Ann Thorac Surg 2005;80:1133
© 2005 The Society of Thoracic Surgeons
Images in cardiothoracic surgery
Swan-Ganz Monitoring of the AbioCor Artificial Heart
Louis E. Samuels, MD
*
,
Elena C. Holmes, CRNP,
John C. Entwistle, III, MD, PhD
Hahnemann University Hospital, Philadelphia, Pennsylvania
* Address reprint requests to Dr Samuels, Lankenau Hospital, MSB Suite 280, 100 Lancaster Ave, Wynnewood, PA19096. (Email: samuelsle{at}aol.com).
| Dr Samuels discloses that he has a financial relationship with Abiomed, Inc.
|
The AbioCor totally implantable artificial heart (Abiomed, Inc, Danvers, MA) was designed as a permanent therapy for patients with end-stage biventricular heart failure who were not candidates for cardiac transplantation. The implantation is performed in a similar fashion as an orthotopic heart transplant. There are Dacron (DuPont, Wilmington, DE) artificial atria, ascending aorta, and main pulmonary artery. Plastic trileaflet prostheses serve as atrioventricular and ventriculoarterial valves. Placement of a Swan-Ganz catheter is not routine because of the concern with catheter-induced valve regurgitation (observed in the animal studies), damage to the artificial valves, and infection risk. Estimation of the pulmonary artery pressure is determined by a sensor reading of the right hydraulic pressure, which is displayed on the device console.

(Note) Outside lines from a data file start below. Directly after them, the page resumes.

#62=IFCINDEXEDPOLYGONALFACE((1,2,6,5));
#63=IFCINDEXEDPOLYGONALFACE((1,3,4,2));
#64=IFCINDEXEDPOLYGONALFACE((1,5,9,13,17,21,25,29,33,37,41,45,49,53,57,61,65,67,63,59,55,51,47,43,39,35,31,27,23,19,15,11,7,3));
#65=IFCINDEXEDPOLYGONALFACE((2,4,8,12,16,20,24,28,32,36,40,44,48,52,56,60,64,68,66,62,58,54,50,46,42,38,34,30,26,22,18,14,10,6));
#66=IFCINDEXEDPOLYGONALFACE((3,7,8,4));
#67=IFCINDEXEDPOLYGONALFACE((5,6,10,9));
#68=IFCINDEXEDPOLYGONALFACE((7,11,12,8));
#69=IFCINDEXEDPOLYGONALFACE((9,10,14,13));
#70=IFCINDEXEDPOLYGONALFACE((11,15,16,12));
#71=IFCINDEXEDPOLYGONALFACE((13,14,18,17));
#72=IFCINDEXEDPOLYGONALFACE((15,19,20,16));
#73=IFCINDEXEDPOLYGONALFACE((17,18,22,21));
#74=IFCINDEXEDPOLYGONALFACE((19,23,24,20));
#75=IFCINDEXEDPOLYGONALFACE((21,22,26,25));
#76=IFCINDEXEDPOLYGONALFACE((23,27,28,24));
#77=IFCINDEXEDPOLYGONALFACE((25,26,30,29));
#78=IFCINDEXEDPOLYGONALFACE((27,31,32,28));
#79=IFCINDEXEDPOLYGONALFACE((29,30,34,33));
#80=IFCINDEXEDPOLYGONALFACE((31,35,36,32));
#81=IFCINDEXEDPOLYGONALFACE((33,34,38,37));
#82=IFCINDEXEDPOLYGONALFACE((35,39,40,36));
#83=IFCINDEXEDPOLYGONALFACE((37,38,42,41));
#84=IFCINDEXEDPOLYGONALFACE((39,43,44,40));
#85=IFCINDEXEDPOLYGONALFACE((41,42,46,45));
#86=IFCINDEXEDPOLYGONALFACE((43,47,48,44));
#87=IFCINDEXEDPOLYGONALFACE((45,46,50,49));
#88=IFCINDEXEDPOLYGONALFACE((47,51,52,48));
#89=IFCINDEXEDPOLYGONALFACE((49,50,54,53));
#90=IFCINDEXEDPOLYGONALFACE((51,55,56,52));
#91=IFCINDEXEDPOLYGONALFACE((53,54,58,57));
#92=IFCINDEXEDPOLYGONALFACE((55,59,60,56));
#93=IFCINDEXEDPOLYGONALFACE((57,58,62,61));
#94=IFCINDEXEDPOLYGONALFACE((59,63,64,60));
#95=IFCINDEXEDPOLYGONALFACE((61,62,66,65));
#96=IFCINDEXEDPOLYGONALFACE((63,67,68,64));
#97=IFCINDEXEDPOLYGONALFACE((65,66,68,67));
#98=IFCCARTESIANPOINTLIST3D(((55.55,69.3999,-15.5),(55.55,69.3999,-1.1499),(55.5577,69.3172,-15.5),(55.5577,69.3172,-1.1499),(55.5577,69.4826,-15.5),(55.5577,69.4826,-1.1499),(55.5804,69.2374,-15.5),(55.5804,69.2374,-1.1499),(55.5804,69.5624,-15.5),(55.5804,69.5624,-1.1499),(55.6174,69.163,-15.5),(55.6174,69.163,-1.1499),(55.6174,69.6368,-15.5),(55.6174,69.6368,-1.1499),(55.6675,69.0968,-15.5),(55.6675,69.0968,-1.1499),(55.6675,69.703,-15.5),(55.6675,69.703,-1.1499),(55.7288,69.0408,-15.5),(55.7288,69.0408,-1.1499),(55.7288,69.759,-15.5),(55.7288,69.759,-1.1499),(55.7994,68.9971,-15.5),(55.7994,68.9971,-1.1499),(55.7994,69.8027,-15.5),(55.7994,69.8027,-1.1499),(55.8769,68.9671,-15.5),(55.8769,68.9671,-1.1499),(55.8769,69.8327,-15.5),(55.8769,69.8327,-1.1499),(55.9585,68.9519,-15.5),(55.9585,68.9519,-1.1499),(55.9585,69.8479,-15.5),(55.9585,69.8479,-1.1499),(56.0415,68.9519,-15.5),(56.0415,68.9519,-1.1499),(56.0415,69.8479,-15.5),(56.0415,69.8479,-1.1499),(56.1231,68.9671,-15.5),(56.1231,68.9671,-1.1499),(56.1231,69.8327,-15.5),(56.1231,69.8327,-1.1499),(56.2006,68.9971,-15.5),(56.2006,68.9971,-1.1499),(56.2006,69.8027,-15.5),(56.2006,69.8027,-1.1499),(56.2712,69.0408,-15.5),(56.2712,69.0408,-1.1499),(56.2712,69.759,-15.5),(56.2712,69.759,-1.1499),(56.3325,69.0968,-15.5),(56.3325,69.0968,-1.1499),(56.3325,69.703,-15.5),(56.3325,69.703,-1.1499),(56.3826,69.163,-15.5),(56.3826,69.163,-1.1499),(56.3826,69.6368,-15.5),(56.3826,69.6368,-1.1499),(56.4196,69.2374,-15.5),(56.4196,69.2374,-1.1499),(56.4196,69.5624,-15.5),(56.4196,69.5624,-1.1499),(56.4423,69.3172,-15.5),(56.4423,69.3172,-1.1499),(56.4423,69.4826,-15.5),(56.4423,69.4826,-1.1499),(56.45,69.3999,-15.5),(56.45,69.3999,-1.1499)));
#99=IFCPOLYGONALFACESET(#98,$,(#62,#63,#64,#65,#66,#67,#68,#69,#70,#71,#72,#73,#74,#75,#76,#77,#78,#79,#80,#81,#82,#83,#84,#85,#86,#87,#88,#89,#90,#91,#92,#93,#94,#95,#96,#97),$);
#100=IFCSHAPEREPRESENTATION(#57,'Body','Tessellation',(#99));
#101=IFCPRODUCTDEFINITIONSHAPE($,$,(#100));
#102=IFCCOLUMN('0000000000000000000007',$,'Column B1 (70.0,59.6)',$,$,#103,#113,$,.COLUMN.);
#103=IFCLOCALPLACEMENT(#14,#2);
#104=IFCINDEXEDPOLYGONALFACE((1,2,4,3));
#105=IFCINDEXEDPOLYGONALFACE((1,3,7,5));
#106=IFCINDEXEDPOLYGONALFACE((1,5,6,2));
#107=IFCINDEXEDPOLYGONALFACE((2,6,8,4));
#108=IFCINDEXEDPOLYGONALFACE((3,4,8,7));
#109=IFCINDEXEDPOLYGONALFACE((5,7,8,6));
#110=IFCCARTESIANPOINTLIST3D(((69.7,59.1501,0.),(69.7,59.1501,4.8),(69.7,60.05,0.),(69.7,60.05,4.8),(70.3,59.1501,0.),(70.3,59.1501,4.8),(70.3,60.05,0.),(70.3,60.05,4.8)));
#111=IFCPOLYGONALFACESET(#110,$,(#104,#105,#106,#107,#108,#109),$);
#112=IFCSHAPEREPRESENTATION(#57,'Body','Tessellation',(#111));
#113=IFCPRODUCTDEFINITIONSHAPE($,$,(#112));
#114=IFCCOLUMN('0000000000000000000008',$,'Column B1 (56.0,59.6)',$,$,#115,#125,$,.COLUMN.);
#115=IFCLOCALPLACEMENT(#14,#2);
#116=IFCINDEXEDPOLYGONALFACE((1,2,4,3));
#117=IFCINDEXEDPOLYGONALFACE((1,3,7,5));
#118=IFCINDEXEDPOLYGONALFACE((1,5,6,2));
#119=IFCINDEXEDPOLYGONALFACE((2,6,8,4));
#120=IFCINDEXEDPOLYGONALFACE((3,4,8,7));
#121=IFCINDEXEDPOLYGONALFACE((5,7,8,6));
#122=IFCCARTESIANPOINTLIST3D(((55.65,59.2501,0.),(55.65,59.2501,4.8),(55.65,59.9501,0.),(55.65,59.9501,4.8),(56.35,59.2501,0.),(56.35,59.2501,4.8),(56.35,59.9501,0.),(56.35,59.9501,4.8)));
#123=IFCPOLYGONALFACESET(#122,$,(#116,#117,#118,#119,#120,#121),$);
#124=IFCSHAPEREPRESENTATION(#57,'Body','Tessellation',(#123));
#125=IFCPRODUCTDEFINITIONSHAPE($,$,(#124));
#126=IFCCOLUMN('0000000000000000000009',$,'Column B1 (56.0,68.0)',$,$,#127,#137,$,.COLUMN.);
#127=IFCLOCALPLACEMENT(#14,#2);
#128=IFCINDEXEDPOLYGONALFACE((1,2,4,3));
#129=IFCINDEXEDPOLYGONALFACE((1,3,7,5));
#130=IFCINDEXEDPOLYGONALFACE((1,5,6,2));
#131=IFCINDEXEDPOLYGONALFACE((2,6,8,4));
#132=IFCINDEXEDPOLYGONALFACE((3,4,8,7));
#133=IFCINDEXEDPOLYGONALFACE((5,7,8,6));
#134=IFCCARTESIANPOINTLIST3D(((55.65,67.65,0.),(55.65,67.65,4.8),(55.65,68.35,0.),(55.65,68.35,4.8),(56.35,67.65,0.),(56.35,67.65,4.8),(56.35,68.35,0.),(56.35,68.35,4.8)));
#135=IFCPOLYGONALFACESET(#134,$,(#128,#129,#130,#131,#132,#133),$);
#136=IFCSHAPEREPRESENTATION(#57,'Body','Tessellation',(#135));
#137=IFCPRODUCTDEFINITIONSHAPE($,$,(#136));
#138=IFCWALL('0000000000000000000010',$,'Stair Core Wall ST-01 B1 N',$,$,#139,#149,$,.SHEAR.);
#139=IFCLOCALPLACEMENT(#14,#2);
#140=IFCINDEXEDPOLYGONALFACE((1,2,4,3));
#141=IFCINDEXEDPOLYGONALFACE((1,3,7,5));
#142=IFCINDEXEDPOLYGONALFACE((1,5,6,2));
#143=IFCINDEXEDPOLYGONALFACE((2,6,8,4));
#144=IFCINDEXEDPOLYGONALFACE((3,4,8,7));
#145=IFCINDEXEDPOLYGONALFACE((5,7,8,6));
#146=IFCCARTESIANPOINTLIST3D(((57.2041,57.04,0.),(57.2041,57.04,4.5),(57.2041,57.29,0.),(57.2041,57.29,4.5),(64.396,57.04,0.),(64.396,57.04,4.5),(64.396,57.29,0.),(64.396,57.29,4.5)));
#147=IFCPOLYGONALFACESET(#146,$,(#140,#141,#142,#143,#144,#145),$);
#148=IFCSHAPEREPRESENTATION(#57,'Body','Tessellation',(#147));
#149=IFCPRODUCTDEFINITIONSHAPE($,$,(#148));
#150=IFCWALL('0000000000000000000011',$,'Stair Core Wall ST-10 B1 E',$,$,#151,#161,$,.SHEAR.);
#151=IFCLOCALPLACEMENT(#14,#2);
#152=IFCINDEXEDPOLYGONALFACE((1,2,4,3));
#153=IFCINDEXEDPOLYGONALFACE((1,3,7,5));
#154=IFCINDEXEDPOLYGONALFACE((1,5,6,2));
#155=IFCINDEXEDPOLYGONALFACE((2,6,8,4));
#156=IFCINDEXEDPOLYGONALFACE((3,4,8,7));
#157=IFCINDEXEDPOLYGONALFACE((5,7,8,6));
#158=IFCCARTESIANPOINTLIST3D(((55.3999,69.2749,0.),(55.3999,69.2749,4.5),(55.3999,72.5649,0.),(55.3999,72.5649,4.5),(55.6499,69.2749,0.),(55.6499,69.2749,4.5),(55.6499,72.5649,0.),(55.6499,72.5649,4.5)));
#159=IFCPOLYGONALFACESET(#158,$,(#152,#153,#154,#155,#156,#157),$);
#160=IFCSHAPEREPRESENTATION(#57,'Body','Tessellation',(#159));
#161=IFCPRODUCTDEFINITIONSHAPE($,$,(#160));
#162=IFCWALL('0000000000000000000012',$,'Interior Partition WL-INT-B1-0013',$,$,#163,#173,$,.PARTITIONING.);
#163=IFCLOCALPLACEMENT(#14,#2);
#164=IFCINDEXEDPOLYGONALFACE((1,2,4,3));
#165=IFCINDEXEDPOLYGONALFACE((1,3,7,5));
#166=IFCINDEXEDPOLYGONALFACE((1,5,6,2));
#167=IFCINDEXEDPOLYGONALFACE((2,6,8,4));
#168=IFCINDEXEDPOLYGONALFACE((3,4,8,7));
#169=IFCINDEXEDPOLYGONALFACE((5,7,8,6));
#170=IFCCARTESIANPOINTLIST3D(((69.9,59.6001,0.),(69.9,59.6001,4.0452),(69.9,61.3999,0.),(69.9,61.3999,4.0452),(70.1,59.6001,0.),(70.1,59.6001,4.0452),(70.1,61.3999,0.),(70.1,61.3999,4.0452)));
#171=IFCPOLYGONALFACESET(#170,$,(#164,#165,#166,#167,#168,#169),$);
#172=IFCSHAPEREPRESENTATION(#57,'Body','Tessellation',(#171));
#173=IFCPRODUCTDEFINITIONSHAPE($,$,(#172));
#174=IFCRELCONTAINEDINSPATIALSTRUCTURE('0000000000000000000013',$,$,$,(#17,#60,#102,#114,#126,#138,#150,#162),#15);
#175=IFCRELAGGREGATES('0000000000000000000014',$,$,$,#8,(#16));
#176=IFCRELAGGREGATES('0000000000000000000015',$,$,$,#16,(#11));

On November 5, 2001 the fifth AbioCor totally implantable artificial heart (Abiomed, Inc, Danvers, MA) was placed into a 51-year-old man with end-stage biventricular failure. He was deemed ineligible for transplantation because of elevated and fixed pulmonary hypertension.
Following placement of the device, the right hydraulic pressure (RHP) showed that the pulmonary artery pressure (PAP) remained elevated. Over the course of several months, the RHP steadily increased to near systemic levels. In order to determine the accuracy of the RHP sensor, a Swan-Ganz catheter was placed by the femoral approach with fluoroscopic guidance (Fig 1—course of Swan-Ganz catheter through the right atrium, right atrioventricular artificial valve, artificial right ventricle, right ventriculoarterial artificial valve, into the pulmonary arterial Dacron tube graft, and into the native right pulmonary artery). The correlation of the direct measurement with the RHP reading is shown in Fig 2. The actual PAP recording from the catheter was 10 to 15 mm Hg higher than the RHP sensor reading. This information was instructive for two reasons: 1) the RHP underestimated the actual PAP, and 2) the persistent elevated and fixed PAP did not change with total heart replacement. The patient remained on the AbioCor as destination therapy for approximately 10 months, but eventually succumbed to a cerobrovascular accident.
No adverse events occurred during catheter placement. This report documents the technical aspects of placing a catheter through the AbioCor heart as well as to confirm the RHP sensor’s estimate of the pulmonary artery pressure. These findings may impact on the future role of the AbioCor as a destination or bridging therapy.